Il concorso riservato ai docenti non abilitati sta per entrare nella sua fase cruciale. Potranno prendervi parte tutti i docenti che negli ultimi 8 anni hanno effettuato almeno 3 anni di servizio. E’ stato lasciato in eredità all’attuale governo dalla Legge sulla Buona Scuola. Il Consiglio Superiore ha dato il via libera. Andiamo a scoprire l’iter del concorso e le prove previste.
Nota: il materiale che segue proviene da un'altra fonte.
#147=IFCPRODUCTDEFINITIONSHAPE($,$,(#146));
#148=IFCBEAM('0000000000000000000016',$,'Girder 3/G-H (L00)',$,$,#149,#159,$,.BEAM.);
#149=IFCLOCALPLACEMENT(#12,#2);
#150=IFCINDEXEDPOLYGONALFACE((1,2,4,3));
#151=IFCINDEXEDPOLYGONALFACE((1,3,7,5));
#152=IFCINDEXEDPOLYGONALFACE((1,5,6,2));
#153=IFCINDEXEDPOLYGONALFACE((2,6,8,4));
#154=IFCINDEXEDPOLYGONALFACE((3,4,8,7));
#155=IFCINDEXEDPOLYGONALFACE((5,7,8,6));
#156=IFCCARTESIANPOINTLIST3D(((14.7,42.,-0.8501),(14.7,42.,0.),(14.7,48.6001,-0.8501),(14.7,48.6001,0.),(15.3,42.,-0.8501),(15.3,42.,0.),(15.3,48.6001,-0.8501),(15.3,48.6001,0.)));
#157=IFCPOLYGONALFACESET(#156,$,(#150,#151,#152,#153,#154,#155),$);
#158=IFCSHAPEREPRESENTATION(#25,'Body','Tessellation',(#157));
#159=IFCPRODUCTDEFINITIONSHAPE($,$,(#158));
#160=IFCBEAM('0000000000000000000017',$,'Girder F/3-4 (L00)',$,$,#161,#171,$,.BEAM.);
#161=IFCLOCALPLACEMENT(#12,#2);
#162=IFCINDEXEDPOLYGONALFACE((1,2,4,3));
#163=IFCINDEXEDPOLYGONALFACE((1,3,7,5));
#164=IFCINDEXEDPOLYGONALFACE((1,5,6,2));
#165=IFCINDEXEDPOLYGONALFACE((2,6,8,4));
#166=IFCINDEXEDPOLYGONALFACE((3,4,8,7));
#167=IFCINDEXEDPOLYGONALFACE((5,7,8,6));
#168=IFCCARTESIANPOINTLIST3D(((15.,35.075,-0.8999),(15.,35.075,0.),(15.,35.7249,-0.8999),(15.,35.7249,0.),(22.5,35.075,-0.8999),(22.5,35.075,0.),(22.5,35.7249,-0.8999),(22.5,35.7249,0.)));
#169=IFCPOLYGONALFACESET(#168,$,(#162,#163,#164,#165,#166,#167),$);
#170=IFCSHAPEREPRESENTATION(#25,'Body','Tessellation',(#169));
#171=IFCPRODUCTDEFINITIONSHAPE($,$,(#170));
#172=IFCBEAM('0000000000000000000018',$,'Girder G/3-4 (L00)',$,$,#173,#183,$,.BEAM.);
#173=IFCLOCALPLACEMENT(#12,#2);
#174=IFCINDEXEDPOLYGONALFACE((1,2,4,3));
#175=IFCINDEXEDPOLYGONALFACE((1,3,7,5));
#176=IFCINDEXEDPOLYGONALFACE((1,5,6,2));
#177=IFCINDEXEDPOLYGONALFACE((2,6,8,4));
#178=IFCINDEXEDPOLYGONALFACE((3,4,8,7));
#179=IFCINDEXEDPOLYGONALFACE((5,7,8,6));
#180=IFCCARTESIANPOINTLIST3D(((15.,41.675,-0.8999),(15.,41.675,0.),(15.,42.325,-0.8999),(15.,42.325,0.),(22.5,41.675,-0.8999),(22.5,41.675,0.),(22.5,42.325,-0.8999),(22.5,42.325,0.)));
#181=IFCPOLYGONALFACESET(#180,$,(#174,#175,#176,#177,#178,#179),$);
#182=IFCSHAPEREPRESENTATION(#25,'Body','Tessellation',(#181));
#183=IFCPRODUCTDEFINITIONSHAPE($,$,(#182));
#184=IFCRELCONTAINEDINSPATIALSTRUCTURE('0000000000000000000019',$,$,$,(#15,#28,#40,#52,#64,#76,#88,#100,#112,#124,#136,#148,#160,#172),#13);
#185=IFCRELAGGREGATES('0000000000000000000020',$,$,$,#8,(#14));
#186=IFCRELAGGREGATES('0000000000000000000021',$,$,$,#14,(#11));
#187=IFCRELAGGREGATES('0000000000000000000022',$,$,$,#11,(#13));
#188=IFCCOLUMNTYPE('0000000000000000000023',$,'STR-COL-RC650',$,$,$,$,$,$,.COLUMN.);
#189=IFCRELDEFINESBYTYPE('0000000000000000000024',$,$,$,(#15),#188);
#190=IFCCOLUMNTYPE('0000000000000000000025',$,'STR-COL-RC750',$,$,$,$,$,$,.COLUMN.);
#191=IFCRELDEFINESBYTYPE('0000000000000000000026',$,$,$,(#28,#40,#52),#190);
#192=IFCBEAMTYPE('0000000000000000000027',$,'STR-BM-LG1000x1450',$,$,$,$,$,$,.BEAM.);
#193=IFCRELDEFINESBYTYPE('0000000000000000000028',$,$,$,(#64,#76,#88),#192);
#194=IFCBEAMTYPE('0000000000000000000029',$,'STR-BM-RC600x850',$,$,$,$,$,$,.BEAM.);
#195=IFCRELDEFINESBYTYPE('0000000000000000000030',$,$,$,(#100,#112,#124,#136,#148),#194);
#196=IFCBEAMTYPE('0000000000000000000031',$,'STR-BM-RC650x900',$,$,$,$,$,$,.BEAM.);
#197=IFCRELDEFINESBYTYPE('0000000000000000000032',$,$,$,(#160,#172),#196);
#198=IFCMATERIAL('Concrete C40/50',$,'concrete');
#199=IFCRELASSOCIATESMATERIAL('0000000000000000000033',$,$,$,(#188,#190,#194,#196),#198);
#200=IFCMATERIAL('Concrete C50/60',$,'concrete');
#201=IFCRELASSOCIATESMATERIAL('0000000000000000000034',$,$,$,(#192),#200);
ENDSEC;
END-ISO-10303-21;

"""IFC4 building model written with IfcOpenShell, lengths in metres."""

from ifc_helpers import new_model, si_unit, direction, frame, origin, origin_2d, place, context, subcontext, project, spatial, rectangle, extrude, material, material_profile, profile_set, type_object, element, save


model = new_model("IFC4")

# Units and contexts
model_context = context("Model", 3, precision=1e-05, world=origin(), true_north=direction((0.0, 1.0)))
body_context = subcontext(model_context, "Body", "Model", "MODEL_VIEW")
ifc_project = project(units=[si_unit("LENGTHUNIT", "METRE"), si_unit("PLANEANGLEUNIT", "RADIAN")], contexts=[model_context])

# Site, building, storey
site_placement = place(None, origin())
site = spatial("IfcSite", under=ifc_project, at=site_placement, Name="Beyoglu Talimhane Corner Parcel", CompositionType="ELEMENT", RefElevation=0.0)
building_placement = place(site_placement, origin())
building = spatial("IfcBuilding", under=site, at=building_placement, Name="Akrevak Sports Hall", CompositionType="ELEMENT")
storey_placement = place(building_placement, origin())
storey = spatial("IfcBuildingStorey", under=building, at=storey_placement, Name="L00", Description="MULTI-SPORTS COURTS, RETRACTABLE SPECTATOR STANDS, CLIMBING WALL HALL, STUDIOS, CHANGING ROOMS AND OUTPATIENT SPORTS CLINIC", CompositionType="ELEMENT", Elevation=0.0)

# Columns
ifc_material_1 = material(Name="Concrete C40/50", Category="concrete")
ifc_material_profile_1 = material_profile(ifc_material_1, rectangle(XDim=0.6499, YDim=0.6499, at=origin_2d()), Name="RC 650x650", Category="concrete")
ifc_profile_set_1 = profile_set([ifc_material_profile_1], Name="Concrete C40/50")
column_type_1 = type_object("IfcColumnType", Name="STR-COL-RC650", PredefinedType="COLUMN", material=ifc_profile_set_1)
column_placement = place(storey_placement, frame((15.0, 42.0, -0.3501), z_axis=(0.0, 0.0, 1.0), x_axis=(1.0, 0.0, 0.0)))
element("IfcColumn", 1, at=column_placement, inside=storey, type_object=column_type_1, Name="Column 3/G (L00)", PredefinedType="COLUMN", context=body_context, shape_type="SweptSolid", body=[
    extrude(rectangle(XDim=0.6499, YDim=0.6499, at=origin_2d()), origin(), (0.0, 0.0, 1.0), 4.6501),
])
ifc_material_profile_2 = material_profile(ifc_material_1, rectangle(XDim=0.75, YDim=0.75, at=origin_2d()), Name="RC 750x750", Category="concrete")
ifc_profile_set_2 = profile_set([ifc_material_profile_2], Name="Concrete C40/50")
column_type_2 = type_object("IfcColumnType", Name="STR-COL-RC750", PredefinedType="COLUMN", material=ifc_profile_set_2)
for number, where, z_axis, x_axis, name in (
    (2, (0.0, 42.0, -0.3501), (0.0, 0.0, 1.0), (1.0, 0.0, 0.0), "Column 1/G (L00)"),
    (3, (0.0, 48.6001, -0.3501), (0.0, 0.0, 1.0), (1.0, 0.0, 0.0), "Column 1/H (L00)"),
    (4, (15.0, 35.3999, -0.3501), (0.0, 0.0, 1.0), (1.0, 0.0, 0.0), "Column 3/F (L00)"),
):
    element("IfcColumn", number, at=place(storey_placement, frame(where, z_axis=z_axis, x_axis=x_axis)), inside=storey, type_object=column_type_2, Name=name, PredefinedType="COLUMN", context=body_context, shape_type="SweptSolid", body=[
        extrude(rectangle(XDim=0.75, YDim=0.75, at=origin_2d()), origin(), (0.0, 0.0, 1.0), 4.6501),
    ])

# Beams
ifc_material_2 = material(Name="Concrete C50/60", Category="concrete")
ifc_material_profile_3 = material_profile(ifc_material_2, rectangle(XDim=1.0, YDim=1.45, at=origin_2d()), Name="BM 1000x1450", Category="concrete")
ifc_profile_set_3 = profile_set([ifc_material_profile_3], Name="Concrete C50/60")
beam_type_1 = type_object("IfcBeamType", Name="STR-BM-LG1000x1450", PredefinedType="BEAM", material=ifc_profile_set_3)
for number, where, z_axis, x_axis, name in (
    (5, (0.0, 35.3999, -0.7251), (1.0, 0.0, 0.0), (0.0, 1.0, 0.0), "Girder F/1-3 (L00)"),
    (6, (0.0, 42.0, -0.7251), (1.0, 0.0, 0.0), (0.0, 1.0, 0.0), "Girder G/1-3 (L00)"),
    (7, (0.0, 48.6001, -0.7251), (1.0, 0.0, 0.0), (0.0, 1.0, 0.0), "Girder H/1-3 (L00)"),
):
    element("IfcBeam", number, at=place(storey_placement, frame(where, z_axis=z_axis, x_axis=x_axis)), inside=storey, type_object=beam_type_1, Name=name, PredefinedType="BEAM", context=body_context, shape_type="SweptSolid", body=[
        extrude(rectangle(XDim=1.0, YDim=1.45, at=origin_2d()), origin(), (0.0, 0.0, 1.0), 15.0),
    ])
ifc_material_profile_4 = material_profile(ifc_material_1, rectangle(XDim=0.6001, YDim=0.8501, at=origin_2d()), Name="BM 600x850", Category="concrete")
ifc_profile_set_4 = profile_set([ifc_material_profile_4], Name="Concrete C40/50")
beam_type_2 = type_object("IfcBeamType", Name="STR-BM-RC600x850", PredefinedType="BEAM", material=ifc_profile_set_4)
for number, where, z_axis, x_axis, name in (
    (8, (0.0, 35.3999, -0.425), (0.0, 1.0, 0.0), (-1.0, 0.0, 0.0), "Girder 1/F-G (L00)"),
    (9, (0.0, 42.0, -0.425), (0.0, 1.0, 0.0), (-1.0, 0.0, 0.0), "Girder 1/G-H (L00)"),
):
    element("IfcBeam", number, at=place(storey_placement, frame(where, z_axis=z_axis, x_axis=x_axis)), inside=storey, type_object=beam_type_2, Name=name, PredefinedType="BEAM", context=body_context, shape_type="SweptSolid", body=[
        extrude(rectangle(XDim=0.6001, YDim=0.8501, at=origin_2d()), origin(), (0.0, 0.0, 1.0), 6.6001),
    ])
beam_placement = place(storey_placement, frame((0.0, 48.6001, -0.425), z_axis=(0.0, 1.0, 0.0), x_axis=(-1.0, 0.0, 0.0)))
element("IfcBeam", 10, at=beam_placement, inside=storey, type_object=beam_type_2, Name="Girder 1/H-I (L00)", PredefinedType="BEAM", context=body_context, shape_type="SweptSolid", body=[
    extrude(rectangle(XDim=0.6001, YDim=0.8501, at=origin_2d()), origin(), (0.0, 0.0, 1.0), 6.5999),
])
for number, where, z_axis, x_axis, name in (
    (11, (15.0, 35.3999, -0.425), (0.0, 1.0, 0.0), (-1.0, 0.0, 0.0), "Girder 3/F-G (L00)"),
Lo svolgimento del concorso

Il Consiglio Superiore della Scuola ha dato l’ok, il concorso riservato ai docenti non abilitati, che negli ultimi 8 anni hanno prestato 3 anni di servizio, partirà. Sono previste due prove, una scritta e una orale. Nella prova scritta verranno valutate le conoscenze del candidato su una materia dallo stesso scelta presente in elenco. Seguirà una prova orale di natura didattica-metodologica. Superate le prove si potrà avere accesso al tirocinio e inserimento nella funzione docente, il cosiddetto FIT. Al termine coloro che saranno ritenuti idonei avranno la possibilità di essere immessi al ruolo.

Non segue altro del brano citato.